Lübeck. Nach zum Teil brutalen Übergriffen gegen Antifaschisten am vergangenen Samstag in Lübeck fordert die Linkspartei im schleswig-holsteinischen Landtag die Kennzeichnungspflicht für Polizeibeamte. Im Beisein von Abgeordneten sei es bei den Protesten gegen einen Neonaziaufmarsch zu unverhältnismäßigen Einsätzen von Beamten gekommen. Unter anderem seien zwei Demonstranten von Einsatzfahrzeugen angefahren worden. Das Bündnis »Wir können sie stoppen« berichtete vom Abschuß einer Gasgranate durch sächsische Beamte, durch die ein Pressevertreter verletzt worden sei. Die beteiligten Einsatzkräfte hätten sich geweigert, ihre Dienstnummern zu nennen.

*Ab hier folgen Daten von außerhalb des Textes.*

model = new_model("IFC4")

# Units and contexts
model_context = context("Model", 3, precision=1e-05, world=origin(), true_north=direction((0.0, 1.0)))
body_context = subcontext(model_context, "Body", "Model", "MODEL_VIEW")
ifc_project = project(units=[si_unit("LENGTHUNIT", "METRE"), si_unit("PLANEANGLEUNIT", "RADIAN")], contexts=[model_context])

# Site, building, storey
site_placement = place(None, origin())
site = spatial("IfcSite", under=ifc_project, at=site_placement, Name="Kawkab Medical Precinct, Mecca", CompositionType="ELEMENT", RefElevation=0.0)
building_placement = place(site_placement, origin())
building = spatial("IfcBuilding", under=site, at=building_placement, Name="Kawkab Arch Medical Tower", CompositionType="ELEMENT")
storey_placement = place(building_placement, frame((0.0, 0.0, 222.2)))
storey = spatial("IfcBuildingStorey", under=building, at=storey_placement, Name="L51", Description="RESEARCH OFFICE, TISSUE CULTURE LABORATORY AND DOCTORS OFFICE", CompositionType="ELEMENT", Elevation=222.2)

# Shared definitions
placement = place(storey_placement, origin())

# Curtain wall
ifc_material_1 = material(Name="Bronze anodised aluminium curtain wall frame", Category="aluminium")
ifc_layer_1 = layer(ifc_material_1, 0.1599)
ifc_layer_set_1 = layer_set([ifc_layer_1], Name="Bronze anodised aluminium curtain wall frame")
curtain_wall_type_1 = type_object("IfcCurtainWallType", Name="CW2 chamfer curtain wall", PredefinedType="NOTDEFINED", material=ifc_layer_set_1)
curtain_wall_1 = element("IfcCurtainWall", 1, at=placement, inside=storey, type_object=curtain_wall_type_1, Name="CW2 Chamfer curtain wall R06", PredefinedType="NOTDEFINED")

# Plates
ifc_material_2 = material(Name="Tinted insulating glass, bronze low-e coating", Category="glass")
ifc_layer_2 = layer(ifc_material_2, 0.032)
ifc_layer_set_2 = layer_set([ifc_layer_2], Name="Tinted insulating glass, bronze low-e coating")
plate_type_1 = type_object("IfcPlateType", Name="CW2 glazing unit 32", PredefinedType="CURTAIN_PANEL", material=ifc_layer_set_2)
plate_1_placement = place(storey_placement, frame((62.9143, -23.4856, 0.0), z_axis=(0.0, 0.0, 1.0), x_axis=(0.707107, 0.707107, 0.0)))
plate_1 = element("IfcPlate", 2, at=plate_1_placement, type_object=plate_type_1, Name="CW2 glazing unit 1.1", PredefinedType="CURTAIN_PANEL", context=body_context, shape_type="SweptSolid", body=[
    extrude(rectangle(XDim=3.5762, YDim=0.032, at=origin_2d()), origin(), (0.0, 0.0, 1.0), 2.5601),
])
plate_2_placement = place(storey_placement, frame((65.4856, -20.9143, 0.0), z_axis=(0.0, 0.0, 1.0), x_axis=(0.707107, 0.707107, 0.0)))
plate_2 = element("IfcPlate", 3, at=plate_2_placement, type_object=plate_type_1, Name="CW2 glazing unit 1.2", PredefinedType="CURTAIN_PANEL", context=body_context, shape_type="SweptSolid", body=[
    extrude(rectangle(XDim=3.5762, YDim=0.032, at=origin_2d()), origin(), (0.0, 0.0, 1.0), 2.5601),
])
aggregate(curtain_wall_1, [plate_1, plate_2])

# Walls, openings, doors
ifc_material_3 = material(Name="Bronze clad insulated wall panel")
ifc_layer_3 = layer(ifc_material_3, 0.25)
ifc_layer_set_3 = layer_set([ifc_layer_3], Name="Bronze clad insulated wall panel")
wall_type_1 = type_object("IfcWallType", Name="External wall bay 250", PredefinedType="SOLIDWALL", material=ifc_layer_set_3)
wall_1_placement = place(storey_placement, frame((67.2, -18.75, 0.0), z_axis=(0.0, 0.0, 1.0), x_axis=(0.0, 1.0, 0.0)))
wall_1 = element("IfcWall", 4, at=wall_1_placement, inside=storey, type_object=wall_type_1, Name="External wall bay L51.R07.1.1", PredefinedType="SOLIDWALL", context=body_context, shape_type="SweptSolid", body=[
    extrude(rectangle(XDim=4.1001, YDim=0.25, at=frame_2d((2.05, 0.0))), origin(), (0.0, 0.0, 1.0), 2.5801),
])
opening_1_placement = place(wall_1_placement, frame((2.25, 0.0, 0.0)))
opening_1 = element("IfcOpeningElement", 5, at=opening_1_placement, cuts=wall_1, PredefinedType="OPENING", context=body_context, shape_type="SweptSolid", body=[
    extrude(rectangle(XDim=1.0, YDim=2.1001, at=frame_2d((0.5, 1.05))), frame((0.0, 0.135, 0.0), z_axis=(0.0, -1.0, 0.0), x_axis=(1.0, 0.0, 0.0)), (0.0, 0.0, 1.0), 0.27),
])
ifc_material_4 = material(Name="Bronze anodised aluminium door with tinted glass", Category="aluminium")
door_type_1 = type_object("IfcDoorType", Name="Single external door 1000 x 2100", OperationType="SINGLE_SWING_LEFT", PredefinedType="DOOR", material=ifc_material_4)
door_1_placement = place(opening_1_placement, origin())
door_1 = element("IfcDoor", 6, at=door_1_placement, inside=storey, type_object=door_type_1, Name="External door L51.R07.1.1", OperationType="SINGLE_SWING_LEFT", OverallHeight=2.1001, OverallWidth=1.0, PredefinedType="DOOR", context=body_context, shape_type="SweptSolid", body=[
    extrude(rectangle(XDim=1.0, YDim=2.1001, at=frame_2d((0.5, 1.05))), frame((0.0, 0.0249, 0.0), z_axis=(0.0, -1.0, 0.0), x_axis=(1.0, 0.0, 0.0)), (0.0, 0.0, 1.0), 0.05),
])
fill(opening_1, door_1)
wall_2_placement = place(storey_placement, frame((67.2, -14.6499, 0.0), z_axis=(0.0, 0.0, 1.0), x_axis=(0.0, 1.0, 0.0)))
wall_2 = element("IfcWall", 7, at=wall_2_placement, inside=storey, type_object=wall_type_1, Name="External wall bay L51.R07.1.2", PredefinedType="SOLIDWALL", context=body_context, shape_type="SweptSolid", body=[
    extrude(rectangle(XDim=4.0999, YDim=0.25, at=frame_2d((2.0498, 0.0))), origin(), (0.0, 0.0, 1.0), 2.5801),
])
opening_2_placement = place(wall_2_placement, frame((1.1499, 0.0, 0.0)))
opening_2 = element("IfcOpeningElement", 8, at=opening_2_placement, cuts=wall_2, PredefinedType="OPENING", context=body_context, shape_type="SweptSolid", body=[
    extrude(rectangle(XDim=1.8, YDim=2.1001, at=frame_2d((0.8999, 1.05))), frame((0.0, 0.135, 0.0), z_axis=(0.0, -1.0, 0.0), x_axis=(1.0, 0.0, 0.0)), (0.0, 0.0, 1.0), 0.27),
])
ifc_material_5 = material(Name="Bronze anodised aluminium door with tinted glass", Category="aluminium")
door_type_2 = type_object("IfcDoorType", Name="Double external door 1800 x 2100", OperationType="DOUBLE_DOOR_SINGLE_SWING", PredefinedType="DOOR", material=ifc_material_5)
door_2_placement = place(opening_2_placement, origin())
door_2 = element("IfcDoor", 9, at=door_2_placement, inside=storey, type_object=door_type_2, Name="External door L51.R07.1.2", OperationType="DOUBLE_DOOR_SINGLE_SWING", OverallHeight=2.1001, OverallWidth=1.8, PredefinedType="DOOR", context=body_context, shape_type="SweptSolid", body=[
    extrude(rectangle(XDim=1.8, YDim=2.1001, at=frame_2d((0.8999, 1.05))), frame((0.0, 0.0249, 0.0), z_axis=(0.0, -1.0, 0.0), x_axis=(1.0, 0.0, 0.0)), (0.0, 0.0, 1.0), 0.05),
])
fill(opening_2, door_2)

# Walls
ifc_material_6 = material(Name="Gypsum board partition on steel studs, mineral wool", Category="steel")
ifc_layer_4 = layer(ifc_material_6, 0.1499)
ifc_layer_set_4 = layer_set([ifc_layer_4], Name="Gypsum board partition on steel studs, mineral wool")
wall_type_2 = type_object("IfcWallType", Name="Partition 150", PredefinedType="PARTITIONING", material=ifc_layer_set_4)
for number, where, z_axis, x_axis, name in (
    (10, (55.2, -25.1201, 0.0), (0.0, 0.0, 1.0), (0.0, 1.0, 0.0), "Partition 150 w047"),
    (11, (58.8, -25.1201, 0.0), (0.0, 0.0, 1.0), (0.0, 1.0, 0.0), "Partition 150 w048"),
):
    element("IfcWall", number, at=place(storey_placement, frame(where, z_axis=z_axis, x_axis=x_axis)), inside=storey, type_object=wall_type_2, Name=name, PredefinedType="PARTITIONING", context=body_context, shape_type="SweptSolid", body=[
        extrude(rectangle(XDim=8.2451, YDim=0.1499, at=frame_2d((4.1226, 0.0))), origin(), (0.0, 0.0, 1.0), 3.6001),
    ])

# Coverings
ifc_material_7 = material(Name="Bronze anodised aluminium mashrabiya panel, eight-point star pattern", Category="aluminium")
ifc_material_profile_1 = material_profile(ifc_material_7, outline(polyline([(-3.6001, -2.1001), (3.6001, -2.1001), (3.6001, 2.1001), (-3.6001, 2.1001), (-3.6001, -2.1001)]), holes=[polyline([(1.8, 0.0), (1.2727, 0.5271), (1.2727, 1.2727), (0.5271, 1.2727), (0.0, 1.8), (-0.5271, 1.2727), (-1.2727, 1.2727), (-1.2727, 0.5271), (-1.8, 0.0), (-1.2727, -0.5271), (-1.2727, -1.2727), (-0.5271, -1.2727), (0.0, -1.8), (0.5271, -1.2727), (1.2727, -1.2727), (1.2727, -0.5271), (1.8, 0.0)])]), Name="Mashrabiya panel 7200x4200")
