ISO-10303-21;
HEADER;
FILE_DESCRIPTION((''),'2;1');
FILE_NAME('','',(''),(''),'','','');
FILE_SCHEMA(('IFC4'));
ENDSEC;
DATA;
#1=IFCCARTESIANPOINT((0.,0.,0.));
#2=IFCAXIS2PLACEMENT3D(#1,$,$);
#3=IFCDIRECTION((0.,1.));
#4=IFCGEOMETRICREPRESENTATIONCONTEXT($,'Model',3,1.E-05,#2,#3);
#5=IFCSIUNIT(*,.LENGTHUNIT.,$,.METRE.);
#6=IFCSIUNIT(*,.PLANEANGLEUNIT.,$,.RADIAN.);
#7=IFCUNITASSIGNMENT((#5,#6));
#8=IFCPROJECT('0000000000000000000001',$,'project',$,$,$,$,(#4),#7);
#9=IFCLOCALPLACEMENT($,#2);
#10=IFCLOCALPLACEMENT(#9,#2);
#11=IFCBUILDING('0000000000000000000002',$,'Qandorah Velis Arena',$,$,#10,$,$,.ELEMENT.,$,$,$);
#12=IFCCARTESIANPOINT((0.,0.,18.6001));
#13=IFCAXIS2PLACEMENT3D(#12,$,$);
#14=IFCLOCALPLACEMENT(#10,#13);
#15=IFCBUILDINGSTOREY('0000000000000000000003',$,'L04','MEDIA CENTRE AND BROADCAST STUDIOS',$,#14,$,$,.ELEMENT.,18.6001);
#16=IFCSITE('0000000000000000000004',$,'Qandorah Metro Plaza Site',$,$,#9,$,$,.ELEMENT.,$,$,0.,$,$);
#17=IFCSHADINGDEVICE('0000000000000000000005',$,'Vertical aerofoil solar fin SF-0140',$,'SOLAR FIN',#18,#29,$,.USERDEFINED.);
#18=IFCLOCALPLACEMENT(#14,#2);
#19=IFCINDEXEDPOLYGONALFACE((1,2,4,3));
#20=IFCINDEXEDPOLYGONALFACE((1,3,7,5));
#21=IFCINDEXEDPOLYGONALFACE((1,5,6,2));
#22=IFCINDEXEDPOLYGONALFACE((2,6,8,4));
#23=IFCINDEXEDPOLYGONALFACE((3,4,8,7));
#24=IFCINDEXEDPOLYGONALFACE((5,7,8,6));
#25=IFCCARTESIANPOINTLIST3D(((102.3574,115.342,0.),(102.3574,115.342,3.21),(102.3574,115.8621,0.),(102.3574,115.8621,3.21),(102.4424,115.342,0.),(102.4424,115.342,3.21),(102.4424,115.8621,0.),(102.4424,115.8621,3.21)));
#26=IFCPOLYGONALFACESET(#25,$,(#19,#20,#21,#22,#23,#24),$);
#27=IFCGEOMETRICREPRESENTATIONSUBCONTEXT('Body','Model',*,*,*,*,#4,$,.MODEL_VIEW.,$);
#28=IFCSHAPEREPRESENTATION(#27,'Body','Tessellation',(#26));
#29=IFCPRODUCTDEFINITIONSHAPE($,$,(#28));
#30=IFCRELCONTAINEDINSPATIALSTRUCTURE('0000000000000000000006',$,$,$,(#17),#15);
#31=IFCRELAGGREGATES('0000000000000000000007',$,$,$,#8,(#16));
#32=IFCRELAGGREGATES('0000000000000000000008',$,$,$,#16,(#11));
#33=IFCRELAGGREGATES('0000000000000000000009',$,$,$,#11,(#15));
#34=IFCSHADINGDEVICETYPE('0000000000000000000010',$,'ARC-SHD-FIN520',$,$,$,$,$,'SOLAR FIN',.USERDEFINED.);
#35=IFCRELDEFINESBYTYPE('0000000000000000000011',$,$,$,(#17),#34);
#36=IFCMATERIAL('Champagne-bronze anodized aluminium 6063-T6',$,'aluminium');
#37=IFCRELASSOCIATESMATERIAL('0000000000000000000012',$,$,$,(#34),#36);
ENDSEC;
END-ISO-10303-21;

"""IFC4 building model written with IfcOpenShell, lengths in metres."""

from ifc_helpers import new_model, si_unit, direction, frame, origin, origin_2d, place, context, subcontext, project, spatial, rectangle, extrude, material, type_object, element, save


model = new_model("IFC4")

# Units and contexts
model_context = context("Model", 3, precision=1e-05, world=origin(), true_north=direction((0.0, 1.0)))
body_context = subcontext(model_context, "Body", "Model", "MODEL_VIEW")
ifc_project = project(units=[si_unit("LENGTHUNIT", "METRE"), si_unit("PLANEANGLEUNIT", "RADIAN")], contexts=[model_context])

# Site, building, storey
site_placement = place(None, origin())
site = spatial("IfcSite", under=ifc_project, at=site_placement, Name="Qandorah Metro Plaza Site", CompositionType="ELEMENT", RefElevation=0.0)
building_placement = place(site_placement, origin())
building = spatial("IfcBuilding", under=site, at=building_placement, Name="Qandorah Velis Arena", CompositionType="ELEMENT")
storey_placement = place(building_placement, frame((0.0, 0.0, 18.6001)))
storey = spatial("IfcBuildingStorey", under=building, at=storey_placement, Name="L04", Description="MEDIA CENTRE AND BROADCAST STUDIOS", CompositionType="ELEMENT", Elevation=18.6001)

# Shared definitions
ifc_material_1 = material(Name="Champagne-bronze anodized aluminium 6063-T6", Category="aluminium")

# Shading device
shading_device_type = type_object("IfcShadingDeviceType", Name="ARC-SHD-FIN520", ElementType="SOLAR FIN", PredefinedType="USERDEFINED", material=ifc_material_1)
for number, where, z_axis, x_axis, name in (
    (1, (102.3999, 115.6021, 0.0), (0.0, 0.0, 1.0), (1.0, 0.0, 0.0), "Vertical aerofoil solar fin SF-0140"),
):
    element("IfcShadingDevice", number, at=place(storey_placement, frame(where, z_axis=z_axis, x_axis=x_axis)), inside=storey, type_object=shading_device_type, Name=name, ObjectType="SOLAR FIN", PredefinedType="USERDEFINED", context=body_context, shape_type="SweptSolid", body=[
        extrude(rectangle(XDim=0.085, YDim=0.52, at=origin_2d()), origin(), (0.0, 0.0, 1.0), 3.21),
    ])

save(model, "model.ifc")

»Ich habe gesehen, wie Polizeikräfte Pfefferspray in die Räume der Bodelschwinghkirche sprühten. Das ist unverständlich und inakzeptabel«, berichtete der Landtagsabgeordnete Björn Thoroe. Später sei er trotz sichtbaren Abgeordnetenausweises unvermittelt von einem Polizeiknüppel knapp unter dem Auge getroffen worden. Seine Fraktionskollegin Antje Jansen ergänzte, ein Teileinsatzleiter habe ihr Engagement als Parlamentarierin gegen den Aufmarsch der Neonazis als »Schande« bezeichnet. »Daß Polizisten aus der Anonymität heraus handeln, führt dazu, daß sie für ihr persönliches Fehlverhalten nicht zur Verantwortung gezogen werden können. Eine Kennzeichnungspflicht für Polizeibeamte im Einsatz ist bitter nötig«, erklärten Jansen und Thoroe in einer gemeinsamen Erklärung. (jW)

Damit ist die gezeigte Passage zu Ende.